Freue mich auf Antworten... aber bitte keine Grundsatzdiskussion ala KOP/FUP/AWL....


----------



## winny-sps (18 Oktober 2007)

Hallo,

PCS 7 ist das Leitsystem von Siemens.

Nur für die Visu ist das ganze ein paar Nummern zu groß.

http://www.automation.siemens.com/simatic/compact_info/html_00/simatic-pcs7.htm


----------



## Lipperlandstern (18 Oktober 2007)

winny-sps schrieb:


> Hallo,
> 
> PCS 7 ist das Leitsystem von Siemens.
> 
> ...


 
Hallo Winny.

Das ist mir auch klar..... aber was soll ich machen wenn der Kunde es wünscht.... sein wunsch wäre auch gewesen die Handfunktionen über div. verteilte Stationen über PCS7 auszuführen.... davon hat er aber nach langer Diskussion abgesehen........

.... kannst Du mir den ein paar der Fragen beantworten ?


----------



## marlob (18 Oktober 2007)

- wer setzt PCS7 ein und wofür ?
PCS7 ist ein Leitsystem, welches oft in der Prozessindustrie eingesetzt wird.
Wir benutzen kein PCS7 sondern DeltaV, Yokogawa oder ABB Freelance darum kann ich dir zu
PCS7 wenig sagen

- was kostet der Spass ?
leider keine Ahnung, aber ein Siemens Vertreter sagte mir mal das der Break Even Point bei ca. 250 Loops liegt damit es sich rechnet

- was muss ich noch beachten wenn ich das System einsetze ?
kA

- ist das System die Zukunft ? ( wurde unserem Kunden so verkauft....)
Nein! Meine persönliche Meinung

- wo liegen die Vorteile/Nachteile gegenüber  WinCC/InTouch ?
- kann man die Systeme (WinCC/InTouch/PCS7) überhaupt miteinander vergleichen ?

zu beiden oberen Fragen: WinCC und Intouch sind SCADA Systeme. PCS7 ist ein Leitsystem wo WinCC eine Teilmenge von ist.


----------



## IBFS (18 Oktober 2007)

Du lieber Himmel, 

wollen wir den Unsinn mal zurechtrücken

PCS7 = WinCC + STEP7 + SCL - CFC - SFC (NICHT Graph) (KEIN AWL,FUP, KOP) + 
AS-OS-Transfer + FACEPLATE-Generatoren + speziell zugelassene S7-400!!- CPUs (nur für diese geht PCS7 überhaupt)

d.h PCS7 als WinCC pur ist sinnlos und rausgeschmissenes Geld, weil alle dann für teuer Geld gekauften Spezialcodegeneratoren nicht verwendbar sind.

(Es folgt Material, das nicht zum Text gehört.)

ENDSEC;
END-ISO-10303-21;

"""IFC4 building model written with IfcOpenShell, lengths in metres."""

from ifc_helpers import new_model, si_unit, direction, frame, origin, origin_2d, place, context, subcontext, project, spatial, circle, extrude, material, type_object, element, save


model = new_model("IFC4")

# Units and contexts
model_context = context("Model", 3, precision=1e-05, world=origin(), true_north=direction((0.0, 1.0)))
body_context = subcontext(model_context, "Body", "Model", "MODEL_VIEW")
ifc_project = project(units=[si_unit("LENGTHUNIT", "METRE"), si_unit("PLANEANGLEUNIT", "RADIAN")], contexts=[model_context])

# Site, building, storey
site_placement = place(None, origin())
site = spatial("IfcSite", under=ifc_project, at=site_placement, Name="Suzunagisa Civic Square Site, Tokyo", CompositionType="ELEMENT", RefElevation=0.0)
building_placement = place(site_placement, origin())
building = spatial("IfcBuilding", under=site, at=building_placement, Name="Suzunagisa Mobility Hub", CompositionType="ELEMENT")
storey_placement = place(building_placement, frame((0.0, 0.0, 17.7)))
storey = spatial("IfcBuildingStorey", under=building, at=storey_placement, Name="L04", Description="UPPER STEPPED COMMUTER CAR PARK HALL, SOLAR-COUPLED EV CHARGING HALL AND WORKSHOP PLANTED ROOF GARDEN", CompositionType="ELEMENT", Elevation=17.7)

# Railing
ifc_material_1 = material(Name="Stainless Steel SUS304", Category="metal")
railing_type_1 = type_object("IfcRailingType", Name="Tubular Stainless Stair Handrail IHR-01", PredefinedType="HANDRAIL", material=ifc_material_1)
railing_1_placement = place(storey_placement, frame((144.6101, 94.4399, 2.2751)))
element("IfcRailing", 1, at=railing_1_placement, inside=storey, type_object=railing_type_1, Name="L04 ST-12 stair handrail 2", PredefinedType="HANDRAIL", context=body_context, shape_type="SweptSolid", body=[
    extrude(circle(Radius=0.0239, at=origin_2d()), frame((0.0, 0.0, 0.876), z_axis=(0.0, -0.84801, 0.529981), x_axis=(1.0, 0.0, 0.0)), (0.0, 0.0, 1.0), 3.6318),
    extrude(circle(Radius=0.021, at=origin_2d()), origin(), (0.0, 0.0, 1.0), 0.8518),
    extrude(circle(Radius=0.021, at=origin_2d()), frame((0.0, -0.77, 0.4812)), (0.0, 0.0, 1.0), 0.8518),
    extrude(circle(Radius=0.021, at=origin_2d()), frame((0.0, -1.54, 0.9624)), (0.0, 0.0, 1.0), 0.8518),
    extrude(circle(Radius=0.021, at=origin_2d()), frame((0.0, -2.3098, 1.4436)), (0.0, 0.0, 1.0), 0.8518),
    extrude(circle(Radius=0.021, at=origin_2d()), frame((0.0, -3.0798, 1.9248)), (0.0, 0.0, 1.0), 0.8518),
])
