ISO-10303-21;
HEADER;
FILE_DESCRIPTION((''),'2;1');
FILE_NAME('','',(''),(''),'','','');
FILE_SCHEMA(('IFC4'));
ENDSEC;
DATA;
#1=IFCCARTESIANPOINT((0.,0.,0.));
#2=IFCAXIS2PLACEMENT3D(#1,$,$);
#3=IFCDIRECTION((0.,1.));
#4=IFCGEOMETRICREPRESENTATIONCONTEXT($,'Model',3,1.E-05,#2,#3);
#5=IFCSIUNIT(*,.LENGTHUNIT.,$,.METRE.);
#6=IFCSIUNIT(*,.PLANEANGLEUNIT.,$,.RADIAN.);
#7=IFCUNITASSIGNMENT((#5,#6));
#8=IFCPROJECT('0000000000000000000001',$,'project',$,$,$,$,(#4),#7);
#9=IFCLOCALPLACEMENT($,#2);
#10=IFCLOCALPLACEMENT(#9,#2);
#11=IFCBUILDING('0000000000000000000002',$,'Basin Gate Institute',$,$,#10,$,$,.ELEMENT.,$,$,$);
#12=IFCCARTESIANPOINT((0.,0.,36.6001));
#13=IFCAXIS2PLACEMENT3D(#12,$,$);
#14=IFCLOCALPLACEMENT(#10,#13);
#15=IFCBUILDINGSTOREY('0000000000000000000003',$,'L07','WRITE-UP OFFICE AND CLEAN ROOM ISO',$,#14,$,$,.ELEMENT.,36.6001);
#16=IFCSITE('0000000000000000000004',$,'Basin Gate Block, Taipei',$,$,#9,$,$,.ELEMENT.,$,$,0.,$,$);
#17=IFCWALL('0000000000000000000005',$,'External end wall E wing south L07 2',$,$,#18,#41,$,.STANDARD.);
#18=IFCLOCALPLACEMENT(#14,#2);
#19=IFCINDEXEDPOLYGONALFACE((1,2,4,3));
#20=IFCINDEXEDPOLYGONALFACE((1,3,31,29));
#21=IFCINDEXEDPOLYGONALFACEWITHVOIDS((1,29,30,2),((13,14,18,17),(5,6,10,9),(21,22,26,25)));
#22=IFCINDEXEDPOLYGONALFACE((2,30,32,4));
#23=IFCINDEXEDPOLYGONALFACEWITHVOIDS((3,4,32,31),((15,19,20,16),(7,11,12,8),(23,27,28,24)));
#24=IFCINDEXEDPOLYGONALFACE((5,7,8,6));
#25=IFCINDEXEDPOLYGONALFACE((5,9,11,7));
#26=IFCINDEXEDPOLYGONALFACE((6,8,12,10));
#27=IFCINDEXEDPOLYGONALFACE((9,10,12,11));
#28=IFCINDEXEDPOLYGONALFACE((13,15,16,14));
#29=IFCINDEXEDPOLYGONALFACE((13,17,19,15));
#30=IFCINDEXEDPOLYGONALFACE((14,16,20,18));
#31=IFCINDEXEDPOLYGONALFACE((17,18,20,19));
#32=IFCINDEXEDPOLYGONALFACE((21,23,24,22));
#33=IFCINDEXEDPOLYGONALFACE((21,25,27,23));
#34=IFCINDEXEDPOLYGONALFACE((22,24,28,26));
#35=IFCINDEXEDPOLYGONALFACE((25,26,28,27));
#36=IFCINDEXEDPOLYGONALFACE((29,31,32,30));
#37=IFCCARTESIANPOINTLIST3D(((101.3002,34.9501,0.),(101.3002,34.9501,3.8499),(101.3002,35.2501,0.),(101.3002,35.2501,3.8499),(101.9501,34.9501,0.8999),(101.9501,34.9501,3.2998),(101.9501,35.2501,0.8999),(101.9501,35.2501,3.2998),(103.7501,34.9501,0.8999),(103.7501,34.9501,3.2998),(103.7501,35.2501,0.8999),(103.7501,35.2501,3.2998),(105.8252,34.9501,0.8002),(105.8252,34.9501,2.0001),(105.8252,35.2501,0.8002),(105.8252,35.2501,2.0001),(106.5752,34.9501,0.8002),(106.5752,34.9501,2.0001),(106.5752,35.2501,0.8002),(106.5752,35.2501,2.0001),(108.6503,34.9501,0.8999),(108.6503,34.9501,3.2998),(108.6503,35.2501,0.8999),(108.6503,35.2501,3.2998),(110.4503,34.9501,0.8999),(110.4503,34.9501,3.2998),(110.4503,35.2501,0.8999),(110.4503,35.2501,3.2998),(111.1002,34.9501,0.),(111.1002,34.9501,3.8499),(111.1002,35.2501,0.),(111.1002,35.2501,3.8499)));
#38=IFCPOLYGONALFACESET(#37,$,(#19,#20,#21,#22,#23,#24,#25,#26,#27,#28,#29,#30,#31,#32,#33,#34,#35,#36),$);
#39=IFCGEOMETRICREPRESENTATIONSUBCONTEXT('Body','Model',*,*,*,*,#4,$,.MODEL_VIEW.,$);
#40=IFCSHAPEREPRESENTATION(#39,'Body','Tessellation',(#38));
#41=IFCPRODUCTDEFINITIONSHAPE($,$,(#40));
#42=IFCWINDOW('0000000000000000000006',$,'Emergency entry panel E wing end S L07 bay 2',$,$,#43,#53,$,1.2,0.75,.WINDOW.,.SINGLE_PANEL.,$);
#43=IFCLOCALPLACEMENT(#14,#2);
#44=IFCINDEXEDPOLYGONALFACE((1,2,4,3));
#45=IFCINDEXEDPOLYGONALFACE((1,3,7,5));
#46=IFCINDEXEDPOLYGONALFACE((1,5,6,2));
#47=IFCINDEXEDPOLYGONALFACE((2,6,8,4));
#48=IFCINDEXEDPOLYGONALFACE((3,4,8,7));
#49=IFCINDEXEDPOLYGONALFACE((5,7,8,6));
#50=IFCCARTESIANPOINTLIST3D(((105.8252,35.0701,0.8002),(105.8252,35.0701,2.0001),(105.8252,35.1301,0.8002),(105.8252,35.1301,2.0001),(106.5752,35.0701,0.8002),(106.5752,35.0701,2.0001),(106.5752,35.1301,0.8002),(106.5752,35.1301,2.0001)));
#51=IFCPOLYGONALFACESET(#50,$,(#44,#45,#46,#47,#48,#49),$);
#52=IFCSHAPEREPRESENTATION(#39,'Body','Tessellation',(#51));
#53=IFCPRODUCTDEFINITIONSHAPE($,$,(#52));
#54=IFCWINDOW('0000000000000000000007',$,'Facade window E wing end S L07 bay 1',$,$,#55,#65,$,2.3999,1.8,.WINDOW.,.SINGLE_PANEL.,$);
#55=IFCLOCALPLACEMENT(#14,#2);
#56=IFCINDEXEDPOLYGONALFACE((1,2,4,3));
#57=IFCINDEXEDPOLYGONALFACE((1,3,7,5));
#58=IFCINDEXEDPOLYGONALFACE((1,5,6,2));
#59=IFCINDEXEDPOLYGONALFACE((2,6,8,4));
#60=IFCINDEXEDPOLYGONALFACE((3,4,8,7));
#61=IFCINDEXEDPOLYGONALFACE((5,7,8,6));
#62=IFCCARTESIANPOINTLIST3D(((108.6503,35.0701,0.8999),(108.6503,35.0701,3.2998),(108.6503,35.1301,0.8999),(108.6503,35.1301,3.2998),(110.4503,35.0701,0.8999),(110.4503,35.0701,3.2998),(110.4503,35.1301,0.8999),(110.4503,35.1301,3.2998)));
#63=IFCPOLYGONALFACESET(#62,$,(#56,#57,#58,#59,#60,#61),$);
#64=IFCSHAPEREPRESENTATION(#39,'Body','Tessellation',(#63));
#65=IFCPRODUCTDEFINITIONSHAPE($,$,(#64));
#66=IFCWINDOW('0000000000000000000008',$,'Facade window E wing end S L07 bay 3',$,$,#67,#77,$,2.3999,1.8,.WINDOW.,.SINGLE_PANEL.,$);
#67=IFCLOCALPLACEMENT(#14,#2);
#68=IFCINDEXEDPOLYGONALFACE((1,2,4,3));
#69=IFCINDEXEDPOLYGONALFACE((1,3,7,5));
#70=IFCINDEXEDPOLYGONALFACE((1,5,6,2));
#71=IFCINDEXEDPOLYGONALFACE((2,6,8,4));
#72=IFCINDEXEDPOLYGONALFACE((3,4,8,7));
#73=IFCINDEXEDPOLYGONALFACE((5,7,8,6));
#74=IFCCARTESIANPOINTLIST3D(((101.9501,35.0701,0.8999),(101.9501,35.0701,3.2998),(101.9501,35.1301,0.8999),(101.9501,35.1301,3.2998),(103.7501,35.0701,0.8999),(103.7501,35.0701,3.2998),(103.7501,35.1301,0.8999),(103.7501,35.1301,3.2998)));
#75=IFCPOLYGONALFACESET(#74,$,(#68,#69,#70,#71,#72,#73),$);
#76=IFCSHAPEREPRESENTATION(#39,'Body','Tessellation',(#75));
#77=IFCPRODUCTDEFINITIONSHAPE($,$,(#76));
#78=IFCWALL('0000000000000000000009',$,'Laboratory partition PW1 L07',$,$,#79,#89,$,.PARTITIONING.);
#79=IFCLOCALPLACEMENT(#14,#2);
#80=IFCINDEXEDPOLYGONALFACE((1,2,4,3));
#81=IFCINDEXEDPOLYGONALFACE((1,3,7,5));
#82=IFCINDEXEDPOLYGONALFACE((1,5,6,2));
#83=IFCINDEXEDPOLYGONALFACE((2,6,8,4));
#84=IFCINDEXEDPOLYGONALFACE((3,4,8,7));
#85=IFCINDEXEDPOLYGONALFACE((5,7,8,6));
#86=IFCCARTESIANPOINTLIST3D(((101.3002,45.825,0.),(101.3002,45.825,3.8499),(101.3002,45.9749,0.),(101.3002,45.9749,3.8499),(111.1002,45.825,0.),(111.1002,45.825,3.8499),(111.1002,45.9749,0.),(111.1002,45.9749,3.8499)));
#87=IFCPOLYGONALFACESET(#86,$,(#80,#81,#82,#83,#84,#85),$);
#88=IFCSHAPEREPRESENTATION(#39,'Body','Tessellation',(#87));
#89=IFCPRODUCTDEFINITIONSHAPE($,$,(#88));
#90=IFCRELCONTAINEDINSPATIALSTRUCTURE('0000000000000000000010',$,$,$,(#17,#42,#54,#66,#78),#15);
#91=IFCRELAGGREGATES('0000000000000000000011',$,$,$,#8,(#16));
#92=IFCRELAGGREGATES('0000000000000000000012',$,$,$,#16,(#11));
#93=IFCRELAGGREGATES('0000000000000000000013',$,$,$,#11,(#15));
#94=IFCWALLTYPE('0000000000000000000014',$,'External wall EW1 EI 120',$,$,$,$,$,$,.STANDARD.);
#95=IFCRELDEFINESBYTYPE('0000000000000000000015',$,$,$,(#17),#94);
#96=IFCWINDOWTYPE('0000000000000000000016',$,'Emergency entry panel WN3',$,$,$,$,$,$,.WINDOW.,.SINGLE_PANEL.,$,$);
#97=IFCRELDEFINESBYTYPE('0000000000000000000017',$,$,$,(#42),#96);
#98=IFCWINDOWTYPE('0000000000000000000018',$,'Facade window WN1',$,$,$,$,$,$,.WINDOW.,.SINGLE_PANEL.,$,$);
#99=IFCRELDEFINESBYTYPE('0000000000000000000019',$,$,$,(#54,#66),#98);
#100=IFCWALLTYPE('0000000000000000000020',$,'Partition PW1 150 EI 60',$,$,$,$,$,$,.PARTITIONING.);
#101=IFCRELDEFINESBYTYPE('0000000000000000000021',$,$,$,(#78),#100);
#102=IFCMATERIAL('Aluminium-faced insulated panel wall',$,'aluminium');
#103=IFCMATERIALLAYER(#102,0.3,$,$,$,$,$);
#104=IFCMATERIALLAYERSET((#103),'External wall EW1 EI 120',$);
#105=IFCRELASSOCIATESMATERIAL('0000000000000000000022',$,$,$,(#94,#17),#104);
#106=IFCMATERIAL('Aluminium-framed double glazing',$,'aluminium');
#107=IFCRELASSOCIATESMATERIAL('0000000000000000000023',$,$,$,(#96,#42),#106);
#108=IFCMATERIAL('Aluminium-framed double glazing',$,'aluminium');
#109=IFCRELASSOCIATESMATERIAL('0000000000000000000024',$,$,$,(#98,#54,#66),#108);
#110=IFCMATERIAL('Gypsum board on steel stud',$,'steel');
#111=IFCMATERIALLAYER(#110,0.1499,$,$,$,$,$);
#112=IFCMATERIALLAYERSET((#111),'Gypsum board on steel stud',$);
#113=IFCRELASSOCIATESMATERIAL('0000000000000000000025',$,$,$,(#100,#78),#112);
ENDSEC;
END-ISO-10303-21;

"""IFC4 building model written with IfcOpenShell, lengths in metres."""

from ifc_helpers import new_model, si_unit, direction, frame, frame_2d, origin, place, context, subcontext, project, spatial, rectangle, extrude, material, layer, layer_set, type_object, element, fill, save


model = new_model("IFC4")

# Units and contexts
model_context = context("Model", 3, precision=1e-05, world=origin(), true_north=direction((0.0, 1.0)))
body_context = subcontext(model_context, "Body", "Model", "MODEL_VIEW")
ifc_project = project(units=[si_unit("LENGTHUNIT", "METRE"), si_unit("PLANEANGLEUNIT", "RADIAN")], contexts=[model_context])

# Site, building, storey
site_placement = place(None, origin())
site = spatial("IfcSite", under=ifc_project, at=site_placement, Name="Basin Gate Block, Taipei", CompositionType="ELEMENT", RefElevation=0.0)
building_placement = place(site_placement, origin())
building = spatial("IfcBuilding", under=site, at=building_placement, Name="Basin Gate Institute", CompositionType="ELEMENT")
storey_placement = place(building_placement, frame((0.0, 0.0, 36.6001)))
storey = spatial("IfcBuildingStorey", under=building, at=storey_placement, Name="L07", Description="WRITE-UP OFFICE AND CLEAN ROOM ISO", CompositionType="ELEMENT", Elevation=36.6001)

# Wall, openings, windows
ifc_material_1 = material(Name="Aluminium-faced insulated panel wall", Category="aluminium")
ifc_layer_1 = layer(ifc_material_1, 0.3)
ifc_layer_set_1 = layer_set([ifc_layer_1], Name="External wall EW1 EI 120")
wall_type_1 = type_object("IfcWallType", Name="External wall EW1 EI 120", PredefinedType="STANDARD", material=ifc_layer_set_1)
wall_1_placement = place(storey_placement, frame((111.1001, 35.1001, 0.0), z_axis=(0.0, 0.0, 1.0), x_axis=(-1.0, 0.0, 0.0)))
wall_1 = element("IfcWall", 1, at=wall_1_placement, inside=storey, type_object=wall_type_1, material=ifc_layer_set_1, Name="External end wall E wing south L07 2", PredefinedType="STANDARD", context=body_context, shape_type="SweptSolid", body=[
    extrude(rectangle(XDim=9.8, YDim=0.3, at=frame_2d((4.8999, 0.0))), origin(), (0.0, 0.0, 1.0), 3.8499),
])
opening_1_placement = place(wall_1_placement, frame((0.6499, 0.0, 0.8999)))
opening_1 = element("IfcOpeningElement", 2, at=opening_1_placement, cuts=wall_1, PredefinedType="OPENING", context=body_context, shape_type="SweptSolid", body=[
    extrude(rectangle(XDim=1.8, YDim=2.3999, at=frame_2d((0.8999, 1.2))), frame((0.0, 0.1602, 0.0), z_axis=(0.0, -1.0, 0.0), x_axis=(1.0, 0.0, 0.0)), (0.0, 0.0, 1.0), 0.3201),
])
opening_2_placement = place(wall_1_placement, frame((4.5249, 0.0, 0.8)))
opening_2 = element("IfcOpeningElement", 3, at=opening_2_placement, cuts=wall_1, PredefinedType="OPENING", context=body_context, shape_type="SweptSolid", body=[
    extrude(rectangle(XDim=0.75, YDim=1.2, at=frame_2d((0.375, 0.6001))), frame((0.0, 0.1602, 0.0), z_axis=(0.0, -1.0, 0.0), x_axis=(1.0, 0.0, 0.0)), (0.0, 0.0, 1.0), 0.3201),
])
opening_3_placement = place(wall_1_placement, frame((7.3501, 0.0, 0.8999)))
opening_3 = element("IfcOpeningElement", 4, at=opening_3_placement, cuts=wall_1, PredefinedType="OPENING", context=body_context, shape_type="SweptSolid", body=[
    extrude(rectangle(XDim=1.8, YDim=2.3999, at=frame_2d((0.8999, 1.2))), frame((0.0, 0.1602, 0.0), z_axis=(0.0, -1.0, 0.0), x_axis=(1.0, 0.0, 0.0)), (0.0, 0.0, 1.0), 0.3201),
])
ifc_material_2 = material(Name="Aluminium-framed double glazing", Category="aluminium")
window_type_1 = type_object("IfcWindowType", Name="Emergency entry panel WN3", PartitioningType="SINGLE_PANEL", PredefinedType="WINDOW", material=ifc_material_2)
window_1_placement = place(opening_2_placement, origin())
window_1 = element("IfcWindow", 5, at=window_1_placement, inside=storey, type_object=window_type_1, material=ifc_material_2, Name="Emergency entry panel E wing end S L07 bay 2", OverallHeight=1.2, OverallWidth=0.75, PartitioningType="SINGLE_PANEL", PredefinedType="WINDOW", context=body_context, shape_type="SweptSolid", body=[
    extrude(rectangle(XDim=0.75, YDim=1.2, at=frame_2d((0.375, 0.6001))), frame((0.0, 0.03, 0.0), z_axis=(0.0, -1.0, 0.0), x_axis=(1.0, 0.0, 0.0)), (0.0, 0.0, 1.0), 0.0601),
])
fill(opening_2, window_1)
ifc_material_3 = material(Name="Aluminium-framed double glazing", Category="aluminium")
window_type_2 = type_object("IfcWindowType", Name="Facade window WN1", PartitioningType="SINGLE_PANEL", PredefinedType="WINDOW", material=ifc_material_3)
window_2_placement = place(opening_1_placement, origin())
window_2 = element("IfcWindow", 6, at=window_2_placement, inside=storey, type_object=window_type_2, material=ifc_material_3, Name="Facade window E wing end S L07 bay 1", OverallHeight=2.3999, OverallWidth=1.8, PartitioningType="SINGLE_PANEL", PredefinedType="WINDOW", context=body_context, shape_type="SweptSolid", body=[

Man hat nicht nur einen Ordner wie Quellen und Bausteine sonderen eine Art "Technologie"-Baum wo Anlagenteile geordnet sind. 

Es wird in weiten Teilen nicht programmiert, sondern projektiert. Codegeneratoren erstellen zugleich z.B. für einen Motor den Bausteinaufruf für die SPS und im selben Atemzug ein Faceplate auf der Visu.


Das alles hat mit WinCC oder ordinärem STEP7 absolut nichts zu tun!!!!

...


----------



## Lipperlandstern (18 Oktober 2007)

IBFS schrieb:


> Du lieber Himmel,
> 
> wollen wir den Unsinn mal zurechtrücken
> 
> ...


 


Tja.... da hatte unserer Kunde wohl einen guten Vertreter..... wie auch immer... aus der Nummer kommen wir nicht mehr raus... dazu kommt das das ganze Projekt über eine Projektfirma abgewickelt wird.........


----------



## Question_mark (19 Oktober 2007)

*Ich glaube, Du hast jetzt ein Problem ...*

Hallo,



			
				Lipperlandstern schrieb:
			
		

> aus der Nummer kommen wir nicht mehr raus...


Das Vergnügen hatte ich auch schon ein paar Mal, besonders im Zusammenhang mit Siemens nativen, technologischen und branchenspezifischen (welche Branche wohl ???) Lösungen. In vielen Fällen ist dies auch durchaus gerechtfertigt und eine Lösung, die dem Schlagwort "TIA" durchaus entspricht. Aber beim Palettenschubsen PCS7 einzusetzen, ist wohl wirklich mit Kanonen auf Spatzen zu schiessen. Da hat ein ahnungsloser Vertriebsmensch wirklich eine Sternstunde gehabt  

Gruß

Question_mark


----------



## Lipperlandstern (19 Oktober 2007)

Nein.... ein Problem hab ich damit nicht... Ich ermittel grade den Mehrpreis und wenn wir den Auftrag bekommen wird der Projektteil vergeben.... Hast Du interesse ??????


----------



## maxi (19 Oktober 2007)

Ich habe mich erst in PCS7 eingearbeitet.
Es ist sehr praktisch in grossen Prozessen mit vielen ES`n und AS`n 
zusammen mit PLS rundet es sich wirklich sehr schön ab.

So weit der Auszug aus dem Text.